Publication year - 2016
Publication title -
pediatric anesthesia
Language(s) - English
Resource type - Journals
SCImago Journal Rank - 0.704
H-Index - 82
eISSN - 1460-9592
pISSN - 1155-5645
DOI - 10.1111/pan.12873
Subject(s) - medicine , anesthesia , endotracheal intubation , tonsillectomy , intubation
Summary Background When using cuffed endotracheal tubes ( cETT s), changes in head and neck position can lead to changes in intracuff pressure. Aim The aim of this study was to assess the combined effect of neck extension, shoulder roll placement, and Crowe‐Davis retractor use during adenotonsillectomy on the intracuff pressure of cETT s in children. Methods Patients <18 years of age undergoing adenotonsillectomy under general anesthesia following the placement of a cETT were included in the study. After inflation of the cuff to seal the trachea, using the leak test, baseline intracuff pressure was recorded and then continuously monitored. After neck extension, placement of a shoulder roll, insertion of the Crow‐Davis retractor, suspension from a Mayo stand, and positioning for surgery, the intracuff pressure was recorded again. Results The study cohort included 84 patients, ranging in age from 0.9 to 17 years (5.7 ± 3.9 years). In 46 patients (54.8%), the intracuff pressure increased from baseline after positioning for adenotonsillectomy. In 12 of these patients (14.3%), the intracuff pressure was >30 cmH 2 O. The intracuff pressure decreased in 28 patients (33.3%), while no change was noted in 10 patients (11.9%).

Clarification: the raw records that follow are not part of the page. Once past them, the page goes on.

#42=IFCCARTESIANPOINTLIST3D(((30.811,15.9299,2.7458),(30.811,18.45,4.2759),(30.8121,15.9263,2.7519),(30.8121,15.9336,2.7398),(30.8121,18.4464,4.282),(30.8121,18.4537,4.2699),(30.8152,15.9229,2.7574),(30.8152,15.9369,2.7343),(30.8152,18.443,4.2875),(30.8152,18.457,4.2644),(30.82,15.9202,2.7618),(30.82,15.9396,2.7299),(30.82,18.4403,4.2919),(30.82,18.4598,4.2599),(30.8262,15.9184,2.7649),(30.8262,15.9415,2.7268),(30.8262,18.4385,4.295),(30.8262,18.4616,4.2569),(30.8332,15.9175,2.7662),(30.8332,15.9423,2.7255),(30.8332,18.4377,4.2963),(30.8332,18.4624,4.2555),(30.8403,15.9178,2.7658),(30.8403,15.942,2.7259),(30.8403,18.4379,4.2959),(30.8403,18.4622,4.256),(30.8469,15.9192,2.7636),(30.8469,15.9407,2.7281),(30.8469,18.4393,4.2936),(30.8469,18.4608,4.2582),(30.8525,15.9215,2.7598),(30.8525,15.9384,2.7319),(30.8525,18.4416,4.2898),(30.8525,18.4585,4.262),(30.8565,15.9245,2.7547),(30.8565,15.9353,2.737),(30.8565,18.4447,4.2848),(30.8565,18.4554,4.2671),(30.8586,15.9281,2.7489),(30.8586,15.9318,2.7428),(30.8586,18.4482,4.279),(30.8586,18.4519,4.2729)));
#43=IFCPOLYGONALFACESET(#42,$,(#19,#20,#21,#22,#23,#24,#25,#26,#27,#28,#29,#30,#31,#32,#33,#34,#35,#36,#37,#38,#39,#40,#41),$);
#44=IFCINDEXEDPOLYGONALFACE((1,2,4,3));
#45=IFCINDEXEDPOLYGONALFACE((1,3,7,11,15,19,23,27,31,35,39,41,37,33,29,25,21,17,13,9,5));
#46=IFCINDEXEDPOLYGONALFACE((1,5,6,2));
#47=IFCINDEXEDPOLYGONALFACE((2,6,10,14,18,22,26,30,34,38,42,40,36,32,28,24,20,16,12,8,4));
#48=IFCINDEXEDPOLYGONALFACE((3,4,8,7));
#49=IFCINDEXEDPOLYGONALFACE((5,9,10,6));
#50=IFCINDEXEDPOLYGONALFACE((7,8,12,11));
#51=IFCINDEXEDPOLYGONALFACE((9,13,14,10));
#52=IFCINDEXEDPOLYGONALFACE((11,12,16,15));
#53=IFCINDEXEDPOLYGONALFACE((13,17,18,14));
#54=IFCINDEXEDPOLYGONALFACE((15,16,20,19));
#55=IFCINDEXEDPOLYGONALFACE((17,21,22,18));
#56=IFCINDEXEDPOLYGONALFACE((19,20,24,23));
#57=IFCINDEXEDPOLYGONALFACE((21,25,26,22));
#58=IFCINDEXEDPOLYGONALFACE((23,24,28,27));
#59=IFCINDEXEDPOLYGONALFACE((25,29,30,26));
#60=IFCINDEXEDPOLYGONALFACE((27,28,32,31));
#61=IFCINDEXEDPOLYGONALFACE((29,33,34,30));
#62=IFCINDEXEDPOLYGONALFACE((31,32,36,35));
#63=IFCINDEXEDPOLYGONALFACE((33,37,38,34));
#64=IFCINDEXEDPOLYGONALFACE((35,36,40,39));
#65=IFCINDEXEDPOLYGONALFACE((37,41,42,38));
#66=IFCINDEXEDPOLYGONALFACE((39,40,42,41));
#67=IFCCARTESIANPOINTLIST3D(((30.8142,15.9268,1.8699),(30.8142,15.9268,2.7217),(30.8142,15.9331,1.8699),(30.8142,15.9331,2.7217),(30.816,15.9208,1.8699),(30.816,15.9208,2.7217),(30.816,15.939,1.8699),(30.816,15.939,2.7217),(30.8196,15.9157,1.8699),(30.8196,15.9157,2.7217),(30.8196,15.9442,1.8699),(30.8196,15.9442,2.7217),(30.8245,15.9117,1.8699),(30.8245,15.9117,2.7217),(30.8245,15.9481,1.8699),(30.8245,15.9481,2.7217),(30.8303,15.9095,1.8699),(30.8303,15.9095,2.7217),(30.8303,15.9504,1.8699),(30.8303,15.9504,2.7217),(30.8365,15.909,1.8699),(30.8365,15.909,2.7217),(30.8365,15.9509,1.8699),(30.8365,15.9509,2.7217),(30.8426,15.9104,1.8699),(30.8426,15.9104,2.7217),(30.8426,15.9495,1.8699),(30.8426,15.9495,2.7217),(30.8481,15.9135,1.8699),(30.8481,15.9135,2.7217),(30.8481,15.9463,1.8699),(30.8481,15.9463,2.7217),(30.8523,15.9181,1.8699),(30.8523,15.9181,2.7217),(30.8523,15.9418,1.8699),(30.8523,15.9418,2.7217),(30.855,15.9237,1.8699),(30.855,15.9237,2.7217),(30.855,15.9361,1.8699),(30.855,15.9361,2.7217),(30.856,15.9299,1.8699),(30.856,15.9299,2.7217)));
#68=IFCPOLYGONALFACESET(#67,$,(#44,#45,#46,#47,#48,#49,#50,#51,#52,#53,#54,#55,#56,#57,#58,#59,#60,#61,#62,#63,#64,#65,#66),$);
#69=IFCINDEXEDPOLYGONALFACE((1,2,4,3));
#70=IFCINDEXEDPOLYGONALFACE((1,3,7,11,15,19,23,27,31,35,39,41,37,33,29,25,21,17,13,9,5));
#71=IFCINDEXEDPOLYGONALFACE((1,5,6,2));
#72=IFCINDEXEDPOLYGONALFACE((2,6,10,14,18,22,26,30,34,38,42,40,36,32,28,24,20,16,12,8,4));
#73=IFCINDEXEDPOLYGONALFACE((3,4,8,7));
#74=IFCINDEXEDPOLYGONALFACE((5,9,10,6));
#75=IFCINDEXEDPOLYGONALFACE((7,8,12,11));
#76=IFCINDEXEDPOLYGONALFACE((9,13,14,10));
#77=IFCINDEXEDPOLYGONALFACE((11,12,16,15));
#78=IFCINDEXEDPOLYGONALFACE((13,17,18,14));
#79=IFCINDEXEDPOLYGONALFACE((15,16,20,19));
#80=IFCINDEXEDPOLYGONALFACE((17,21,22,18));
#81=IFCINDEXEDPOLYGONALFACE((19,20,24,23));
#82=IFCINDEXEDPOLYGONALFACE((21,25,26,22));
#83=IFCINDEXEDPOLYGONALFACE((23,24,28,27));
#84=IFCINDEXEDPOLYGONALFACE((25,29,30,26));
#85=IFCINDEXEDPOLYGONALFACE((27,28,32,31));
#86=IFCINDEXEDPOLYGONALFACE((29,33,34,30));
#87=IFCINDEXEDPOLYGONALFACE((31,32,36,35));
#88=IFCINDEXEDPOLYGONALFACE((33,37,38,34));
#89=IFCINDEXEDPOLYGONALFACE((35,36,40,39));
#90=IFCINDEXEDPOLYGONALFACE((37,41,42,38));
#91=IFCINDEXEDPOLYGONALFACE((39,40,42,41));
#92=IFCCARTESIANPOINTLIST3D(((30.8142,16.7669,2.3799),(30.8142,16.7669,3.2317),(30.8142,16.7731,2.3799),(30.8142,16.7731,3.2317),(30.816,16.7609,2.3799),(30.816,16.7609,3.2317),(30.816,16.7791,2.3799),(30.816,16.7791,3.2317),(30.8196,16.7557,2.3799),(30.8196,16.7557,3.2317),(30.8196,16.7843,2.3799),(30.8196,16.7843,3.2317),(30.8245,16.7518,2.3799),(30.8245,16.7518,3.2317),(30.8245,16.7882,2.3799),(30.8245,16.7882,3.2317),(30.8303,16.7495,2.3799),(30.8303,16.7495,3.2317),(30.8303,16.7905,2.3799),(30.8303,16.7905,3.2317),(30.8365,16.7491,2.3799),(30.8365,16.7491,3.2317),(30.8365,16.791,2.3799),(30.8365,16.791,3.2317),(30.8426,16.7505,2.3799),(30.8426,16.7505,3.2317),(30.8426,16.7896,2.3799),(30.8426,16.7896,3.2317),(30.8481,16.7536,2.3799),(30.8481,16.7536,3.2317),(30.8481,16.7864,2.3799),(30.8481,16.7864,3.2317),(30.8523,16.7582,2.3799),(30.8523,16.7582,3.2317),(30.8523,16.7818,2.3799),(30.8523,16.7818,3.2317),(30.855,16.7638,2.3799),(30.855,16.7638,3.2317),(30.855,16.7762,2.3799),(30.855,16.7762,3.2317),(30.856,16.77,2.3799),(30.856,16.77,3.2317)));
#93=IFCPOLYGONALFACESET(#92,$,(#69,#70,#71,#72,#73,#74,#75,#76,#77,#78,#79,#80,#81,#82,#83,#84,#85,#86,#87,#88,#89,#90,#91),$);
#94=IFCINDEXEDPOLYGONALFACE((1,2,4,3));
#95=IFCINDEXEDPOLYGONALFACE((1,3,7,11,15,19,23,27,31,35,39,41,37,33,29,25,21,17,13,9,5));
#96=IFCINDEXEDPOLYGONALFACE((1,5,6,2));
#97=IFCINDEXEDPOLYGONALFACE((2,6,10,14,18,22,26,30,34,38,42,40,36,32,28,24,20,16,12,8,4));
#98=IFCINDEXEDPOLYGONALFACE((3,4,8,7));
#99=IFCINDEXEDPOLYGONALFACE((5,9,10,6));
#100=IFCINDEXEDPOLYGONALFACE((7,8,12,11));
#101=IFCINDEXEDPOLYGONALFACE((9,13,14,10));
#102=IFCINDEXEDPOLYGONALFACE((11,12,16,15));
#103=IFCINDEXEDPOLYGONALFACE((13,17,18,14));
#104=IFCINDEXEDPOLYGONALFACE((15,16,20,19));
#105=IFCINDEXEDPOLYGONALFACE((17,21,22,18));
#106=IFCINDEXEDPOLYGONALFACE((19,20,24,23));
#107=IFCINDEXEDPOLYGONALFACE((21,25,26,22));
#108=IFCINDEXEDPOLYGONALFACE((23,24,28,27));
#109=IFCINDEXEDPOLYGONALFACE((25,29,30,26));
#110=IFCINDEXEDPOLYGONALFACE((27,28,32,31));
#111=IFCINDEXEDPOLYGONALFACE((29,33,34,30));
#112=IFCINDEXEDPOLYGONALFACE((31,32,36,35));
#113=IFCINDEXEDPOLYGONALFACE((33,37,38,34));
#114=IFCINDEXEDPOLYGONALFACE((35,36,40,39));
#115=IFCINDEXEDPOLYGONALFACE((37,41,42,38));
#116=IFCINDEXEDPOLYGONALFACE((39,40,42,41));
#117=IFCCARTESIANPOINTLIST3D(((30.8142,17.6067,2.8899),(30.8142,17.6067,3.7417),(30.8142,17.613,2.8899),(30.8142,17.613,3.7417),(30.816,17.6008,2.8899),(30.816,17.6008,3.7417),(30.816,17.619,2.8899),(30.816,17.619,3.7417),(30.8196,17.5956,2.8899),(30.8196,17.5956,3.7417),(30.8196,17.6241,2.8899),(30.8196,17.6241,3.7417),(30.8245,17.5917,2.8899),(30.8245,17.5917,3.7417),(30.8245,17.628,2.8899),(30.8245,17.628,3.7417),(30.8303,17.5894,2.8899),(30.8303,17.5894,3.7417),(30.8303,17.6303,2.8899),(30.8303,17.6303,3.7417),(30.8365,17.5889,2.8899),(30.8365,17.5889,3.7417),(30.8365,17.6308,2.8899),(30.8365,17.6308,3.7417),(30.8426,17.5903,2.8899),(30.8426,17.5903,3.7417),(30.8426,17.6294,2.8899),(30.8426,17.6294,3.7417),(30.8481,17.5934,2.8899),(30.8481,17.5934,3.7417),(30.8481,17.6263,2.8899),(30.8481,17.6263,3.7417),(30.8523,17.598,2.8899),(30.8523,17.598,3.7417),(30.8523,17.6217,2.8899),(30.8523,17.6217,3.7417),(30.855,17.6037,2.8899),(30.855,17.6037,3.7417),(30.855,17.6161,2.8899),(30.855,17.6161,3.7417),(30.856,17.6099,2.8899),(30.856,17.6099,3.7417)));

Overall, the general trend was an increase in intracuff pressure from 15.9 ± 7.8 cmH 2 O to 18.9 ± 11.6 cmH 2 O. Conclusion Both increases and decreases in the intracuff pressure may occur following positioning of the pediatric patient for adenotonsillectomy. An increase in intracuff pressure may result in a higher risk of damage to the tracheal mucosa. A decrease in the intracuff pressure can result in an air leak resulting in inadequate ventilation, increased risk of aspiration, and even predispose to airway fire if oxygen‐enriched gases are used. Continuous intracuff pressure monitoring or rechecking the intracuff pressure after positioning for adenotonsillectomy may be indicated.